Both DAMMIN and DAMMIF can be run from the Scatter GUI. These programs are apart of the ATSAS suite and must be obtained from EMBL. Please make note of the installation directory, specifically the location of the binaries. In Windows, the binaries are installed in C:/ATSAS whereas on a MAC or LINUX, the binaries may be installed in /Users/home/name/ATSAS/bin. For Scatter to call ATSAS, you must specify the location of the directory where the binaries are located (Figure 1: circled in red).
Which data should you model? The dataset that should be used for modeling should be the one that gives the best P(r) distribution. This dataset will likely be a reduced data, free of possible issues near the beamstop and aggregation. Likewise, issues with buffer subtraction are typically mitigated by removing the high q-data (q > 0.2). Removal of the high-q data points will not reduce the "resolution" of the final averaged model, as DAMMIN/F uses a Porod-scaling that emphasizes the low-q data points. Therefore, when you settle on a P(r) distribution in Scatter and write the data to file using the 2File button (Figure 2: red circle), Scatter will automatically call DATGNOM on the data that is plotted in the P(r) tab. The *.out file from DATGNOM will be auto-loaded into the DAMMIN/F tab (Figure 3).
DAMMIN/F is a modeling algorithm that attempts to model the shape of the scattering object based on the SAXS profile. The resulting model is a low-resolution representation of the scattering volume. Since the algorithm uses a simulated annealing schedule, several independent DAMMIN/F runs must be performed then averaged (DAMAVER) to produce a bead density model (damfilt.pdb).
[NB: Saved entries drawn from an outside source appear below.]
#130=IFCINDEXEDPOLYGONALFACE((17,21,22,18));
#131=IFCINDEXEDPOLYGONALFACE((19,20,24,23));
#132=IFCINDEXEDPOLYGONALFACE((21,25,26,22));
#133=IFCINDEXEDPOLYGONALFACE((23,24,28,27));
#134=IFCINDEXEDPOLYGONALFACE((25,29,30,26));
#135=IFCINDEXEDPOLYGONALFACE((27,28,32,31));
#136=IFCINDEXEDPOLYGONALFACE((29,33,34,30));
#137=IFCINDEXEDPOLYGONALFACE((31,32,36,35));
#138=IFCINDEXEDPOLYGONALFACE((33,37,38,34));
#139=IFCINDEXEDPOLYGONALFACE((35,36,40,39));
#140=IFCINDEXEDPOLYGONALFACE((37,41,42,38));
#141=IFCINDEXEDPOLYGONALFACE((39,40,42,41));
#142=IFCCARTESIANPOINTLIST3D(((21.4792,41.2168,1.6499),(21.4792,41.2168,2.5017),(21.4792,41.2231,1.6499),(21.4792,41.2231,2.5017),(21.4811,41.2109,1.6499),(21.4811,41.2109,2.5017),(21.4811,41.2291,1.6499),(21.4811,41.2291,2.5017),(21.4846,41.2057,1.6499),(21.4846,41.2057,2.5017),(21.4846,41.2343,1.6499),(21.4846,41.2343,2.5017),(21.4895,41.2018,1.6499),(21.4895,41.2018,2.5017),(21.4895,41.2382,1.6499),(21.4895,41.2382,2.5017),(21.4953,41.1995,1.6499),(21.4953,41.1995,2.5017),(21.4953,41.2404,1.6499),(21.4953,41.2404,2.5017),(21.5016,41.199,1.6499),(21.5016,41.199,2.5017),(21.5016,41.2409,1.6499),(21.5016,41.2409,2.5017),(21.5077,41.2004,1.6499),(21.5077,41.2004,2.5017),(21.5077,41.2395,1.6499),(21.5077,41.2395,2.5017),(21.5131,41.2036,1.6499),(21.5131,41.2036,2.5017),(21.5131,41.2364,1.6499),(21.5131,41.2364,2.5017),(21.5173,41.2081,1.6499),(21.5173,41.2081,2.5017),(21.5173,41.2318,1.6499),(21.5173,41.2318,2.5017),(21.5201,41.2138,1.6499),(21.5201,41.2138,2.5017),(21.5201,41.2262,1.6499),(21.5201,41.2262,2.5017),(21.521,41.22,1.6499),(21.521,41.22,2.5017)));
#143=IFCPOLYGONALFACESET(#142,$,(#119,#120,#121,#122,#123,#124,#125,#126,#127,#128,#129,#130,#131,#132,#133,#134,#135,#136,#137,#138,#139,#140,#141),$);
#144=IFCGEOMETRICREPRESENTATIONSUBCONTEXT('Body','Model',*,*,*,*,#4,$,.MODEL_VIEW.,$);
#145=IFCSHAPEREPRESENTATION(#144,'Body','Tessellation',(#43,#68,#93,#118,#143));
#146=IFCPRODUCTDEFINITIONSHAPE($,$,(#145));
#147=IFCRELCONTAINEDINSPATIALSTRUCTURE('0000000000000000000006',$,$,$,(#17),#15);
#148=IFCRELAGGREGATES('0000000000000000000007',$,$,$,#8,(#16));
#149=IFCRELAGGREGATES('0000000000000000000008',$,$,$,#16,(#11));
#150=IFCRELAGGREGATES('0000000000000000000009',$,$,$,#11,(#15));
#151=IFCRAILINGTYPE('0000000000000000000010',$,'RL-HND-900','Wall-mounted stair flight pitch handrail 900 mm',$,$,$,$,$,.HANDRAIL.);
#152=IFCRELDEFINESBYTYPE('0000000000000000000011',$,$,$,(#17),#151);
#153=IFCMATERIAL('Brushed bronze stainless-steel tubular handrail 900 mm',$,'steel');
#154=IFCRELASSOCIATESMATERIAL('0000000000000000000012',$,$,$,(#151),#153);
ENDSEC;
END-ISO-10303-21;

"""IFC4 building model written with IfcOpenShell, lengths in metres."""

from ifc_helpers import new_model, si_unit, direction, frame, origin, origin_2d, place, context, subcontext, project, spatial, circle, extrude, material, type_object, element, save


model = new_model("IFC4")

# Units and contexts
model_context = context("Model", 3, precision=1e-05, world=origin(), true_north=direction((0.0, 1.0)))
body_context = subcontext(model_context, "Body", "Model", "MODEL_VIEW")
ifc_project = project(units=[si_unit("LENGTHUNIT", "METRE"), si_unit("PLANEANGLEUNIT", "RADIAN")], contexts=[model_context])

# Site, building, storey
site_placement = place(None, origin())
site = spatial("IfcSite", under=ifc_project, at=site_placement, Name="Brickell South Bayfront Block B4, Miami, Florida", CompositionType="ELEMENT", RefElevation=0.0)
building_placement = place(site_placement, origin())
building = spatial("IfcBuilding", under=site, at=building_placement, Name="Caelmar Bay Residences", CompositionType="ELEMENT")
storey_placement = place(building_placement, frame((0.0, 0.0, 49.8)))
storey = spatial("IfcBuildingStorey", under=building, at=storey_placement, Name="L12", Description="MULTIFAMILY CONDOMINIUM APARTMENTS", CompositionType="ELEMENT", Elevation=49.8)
In addition, averaging will produce a damstart.pdb file which can be used by DAMMIN as an initial model. I like to do an initial modeling run with DAMMIF to generate a damstart.pdb and then refine the damstart.pdb with a subsequent DAMMIN refinement run.
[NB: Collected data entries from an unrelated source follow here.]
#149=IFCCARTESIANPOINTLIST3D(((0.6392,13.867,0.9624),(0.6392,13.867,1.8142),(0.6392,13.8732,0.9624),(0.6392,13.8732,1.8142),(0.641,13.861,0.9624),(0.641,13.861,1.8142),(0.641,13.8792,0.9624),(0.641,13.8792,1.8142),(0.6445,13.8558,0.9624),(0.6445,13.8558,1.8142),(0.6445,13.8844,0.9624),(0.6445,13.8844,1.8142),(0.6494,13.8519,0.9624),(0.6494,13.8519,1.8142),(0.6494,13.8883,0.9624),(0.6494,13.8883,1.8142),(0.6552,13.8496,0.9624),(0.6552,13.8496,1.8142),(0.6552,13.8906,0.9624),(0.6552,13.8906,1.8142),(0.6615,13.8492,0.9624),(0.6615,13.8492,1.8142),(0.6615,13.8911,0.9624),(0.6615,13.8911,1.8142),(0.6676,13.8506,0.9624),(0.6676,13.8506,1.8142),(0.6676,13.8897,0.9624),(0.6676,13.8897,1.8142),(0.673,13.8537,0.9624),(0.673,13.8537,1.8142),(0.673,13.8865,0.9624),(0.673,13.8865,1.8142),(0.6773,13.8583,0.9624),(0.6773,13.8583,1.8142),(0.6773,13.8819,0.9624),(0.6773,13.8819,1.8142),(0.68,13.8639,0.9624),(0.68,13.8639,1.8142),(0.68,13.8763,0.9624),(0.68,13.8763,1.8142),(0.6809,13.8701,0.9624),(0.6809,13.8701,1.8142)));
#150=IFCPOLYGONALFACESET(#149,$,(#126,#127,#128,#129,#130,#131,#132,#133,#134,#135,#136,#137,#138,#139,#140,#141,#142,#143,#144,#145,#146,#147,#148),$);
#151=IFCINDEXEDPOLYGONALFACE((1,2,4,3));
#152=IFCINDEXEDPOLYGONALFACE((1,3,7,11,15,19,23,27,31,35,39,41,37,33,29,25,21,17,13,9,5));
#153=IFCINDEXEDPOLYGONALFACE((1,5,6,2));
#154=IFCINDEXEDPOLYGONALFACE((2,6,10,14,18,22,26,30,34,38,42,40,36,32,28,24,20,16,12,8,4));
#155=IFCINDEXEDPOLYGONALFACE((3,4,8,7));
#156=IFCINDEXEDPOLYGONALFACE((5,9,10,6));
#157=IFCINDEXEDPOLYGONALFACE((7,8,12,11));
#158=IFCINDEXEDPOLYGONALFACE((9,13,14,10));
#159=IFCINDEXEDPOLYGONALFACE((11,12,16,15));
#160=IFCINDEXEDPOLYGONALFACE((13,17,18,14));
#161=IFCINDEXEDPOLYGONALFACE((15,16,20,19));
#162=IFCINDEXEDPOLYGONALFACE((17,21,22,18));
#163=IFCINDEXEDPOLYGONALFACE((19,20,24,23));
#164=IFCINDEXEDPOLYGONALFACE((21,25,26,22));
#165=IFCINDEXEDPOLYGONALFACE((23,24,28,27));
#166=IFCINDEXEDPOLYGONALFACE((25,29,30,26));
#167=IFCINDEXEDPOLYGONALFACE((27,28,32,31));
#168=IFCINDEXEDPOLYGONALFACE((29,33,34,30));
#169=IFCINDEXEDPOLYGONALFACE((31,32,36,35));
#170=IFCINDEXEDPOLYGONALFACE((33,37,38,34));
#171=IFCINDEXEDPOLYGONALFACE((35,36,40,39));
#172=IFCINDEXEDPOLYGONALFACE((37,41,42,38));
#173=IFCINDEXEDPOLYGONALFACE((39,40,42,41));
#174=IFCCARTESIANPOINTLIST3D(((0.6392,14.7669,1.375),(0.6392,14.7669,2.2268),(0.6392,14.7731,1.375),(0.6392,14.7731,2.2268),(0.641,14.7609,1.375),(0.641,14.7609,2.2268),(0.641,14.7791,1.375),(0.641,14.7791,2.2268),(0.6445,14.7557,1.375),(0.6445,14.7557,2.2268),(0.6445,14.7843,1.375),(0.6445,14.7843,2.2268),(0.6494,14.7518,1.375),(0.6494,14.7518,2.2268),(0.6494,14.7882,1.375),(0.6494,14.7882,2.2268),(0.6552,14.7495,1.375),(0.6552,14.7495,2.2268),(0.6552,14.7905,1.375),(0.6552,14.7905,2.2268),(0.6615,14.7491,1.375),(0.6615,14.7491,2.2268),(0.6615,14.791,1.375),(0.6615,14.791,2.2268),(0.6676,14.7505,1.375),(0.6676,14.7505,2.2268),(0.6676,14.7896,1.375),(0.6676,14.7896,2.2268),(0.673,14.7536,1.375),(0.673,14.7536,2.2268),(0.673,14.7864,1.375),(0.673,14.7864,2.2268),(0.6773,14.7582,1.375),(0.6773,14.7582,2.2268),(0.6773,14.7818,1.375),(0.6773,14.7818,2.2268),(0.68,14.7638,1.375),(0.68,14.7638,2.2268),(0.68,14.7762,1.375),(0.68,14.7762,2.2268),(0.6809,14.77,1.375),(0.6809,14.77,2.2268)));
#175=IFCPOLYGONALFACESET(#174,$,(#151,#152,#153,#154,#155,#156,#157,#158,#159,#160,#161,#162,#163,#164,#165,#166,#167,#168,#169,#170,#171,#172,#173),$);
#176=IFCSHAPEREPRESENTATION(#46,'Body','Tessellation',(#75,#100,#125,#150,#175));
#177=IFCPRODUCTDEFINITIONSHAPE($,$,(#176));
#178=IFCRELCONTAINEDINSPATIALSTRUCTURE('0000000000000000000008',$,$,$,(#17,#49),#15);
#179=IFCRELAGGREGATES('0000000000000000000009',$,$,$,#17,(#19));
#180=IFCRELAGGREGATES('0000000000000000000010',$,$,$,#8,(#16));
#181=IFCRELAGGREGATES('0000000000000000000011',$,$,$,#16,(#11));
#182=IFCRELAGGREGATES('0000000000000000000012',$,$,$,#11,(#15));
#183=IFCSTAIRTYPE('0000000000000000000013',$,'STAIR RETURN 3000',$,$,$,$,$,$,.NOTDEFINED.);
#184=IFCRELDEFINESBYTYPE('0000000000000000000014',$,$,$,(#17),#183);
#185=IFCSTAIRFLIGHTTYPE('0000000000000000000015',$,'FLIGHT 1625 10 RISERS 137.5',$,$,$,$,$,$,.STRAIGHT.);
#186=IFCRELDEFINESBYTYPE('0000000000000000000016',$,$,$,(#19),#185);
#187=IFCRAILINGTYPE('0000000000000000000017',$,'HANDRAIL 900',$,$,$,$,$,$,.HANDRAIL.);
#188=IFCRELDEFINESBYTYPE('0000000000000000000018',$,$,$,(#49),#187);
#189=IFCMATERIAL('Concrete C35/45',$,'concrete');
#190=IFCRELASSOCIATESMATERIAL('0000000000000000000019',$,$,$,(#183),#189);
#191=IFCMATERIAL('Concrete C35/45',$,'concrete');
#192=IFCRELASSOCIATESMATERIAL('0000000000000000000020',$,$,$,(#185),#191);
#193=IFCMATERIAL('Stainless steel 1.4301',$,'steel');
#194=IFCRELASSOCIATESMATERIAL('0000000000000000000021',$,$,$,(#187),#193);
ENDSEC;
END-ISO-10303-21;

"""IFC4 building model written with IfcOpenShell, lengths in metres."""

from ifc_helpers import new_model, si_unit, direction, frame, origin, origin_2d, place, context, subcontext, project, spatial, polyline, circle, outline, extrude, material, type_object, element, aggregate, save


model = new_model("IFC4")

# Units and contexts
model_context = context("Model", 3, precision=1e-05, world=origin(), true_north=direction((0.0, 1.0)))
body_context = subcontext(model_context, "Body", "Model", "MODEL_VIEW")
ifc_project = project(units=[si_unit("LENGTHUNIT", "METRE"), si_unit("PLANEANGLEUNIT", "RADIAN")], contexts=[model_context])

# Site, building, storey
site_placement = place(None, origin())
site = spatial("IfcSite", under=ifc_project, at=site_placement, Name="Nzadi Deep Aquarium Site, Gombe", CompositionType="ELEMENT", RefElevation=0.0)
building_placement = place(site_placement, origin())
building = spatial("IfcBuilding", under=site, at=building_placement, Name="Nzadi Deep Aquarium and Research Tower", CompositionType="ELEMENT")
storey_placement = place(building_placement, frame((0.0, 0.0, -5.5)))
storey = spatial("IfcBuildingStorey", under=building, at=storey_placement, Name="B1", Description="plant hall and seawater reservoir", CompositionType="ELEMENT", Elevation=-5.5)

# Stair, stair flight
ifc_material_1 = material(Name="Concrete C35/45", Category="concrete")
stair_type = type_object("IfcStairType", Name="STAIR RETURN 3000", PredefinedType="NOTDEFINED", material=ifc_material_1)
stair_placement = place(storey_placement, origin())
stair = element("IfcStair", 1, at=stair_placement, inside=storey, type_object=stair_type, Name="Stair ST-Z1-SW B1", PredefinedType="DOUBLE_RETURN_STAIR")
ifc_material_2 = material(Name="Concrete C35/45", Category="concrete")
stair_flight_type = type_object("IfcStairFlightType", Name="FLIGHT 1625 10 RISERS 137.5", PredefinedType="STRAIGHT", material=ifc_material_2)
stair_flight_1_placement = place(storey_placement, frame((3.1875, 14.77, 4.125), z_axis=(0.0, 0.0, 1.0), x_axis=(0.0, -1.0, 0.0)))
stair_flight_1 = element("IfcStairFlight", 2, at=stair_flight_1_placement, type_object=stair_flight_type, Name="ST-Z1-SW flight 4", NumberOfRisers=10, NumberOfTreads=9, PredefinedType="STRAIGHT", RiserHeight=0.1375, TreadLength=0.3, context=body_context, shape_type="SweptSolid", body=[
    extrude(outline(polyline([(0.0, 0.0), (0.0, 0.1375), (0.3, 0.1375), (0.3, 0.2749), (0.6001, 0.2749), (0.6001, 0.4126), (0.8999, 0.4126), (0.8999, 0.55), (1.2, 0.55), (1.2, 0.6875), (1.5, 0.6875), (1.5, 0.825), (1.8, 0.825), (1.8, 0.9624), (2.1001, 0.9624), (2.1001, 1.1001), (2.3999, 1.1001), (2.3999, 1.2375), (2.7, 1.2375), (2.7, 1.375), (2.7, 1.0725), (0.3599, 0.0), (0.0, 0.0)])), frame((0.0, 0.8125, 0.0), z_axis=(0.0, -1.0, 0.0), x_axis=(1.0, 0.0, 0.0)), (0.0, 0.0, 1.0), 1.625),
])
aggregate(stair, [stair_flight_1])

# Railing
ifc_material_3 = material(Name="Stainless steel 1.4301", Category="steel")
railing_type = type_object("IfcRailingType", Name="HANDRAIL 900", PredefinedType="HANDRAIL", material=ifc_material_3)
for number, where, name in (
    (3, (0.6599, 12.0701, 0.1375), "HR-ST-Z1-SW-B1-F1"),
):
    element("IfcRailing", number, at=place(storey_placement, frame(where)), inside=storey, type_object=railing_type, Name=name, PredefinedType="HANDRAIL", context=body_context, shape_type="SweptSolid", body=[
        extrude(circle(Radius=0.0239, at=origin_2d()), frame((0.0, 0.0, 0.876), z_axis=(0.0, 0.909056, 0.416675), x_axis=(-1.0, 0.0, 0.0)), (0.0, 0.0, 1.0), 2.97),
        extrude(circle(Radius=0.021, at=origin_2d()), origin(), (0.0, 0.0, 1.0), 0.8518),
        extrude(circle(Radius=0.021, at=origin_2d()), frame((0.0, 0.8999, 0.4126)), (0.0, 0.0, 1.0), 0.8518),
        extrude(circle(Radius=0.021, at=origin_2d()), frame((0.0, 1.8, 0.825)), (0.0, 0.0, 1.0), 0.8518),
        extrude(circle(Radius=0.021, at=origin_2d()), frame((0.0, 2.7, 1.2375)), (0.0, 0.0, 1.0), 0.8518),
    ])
DAMMIN/F can be run from the Scatter GUI and can use any GNOM output file. Scatter will auto-generate a GNOM file as described above, however, you are free to run GNOM and specify the GNOM out file. Averaging should be performed on >10 independent runs. The number of active runs will be restricted to the number of CPU cores specified by the user and continue till all the runs are completed. At which point, DAMAVER will be automatically called. All files will be written to a subdirectory in the user specified working directory.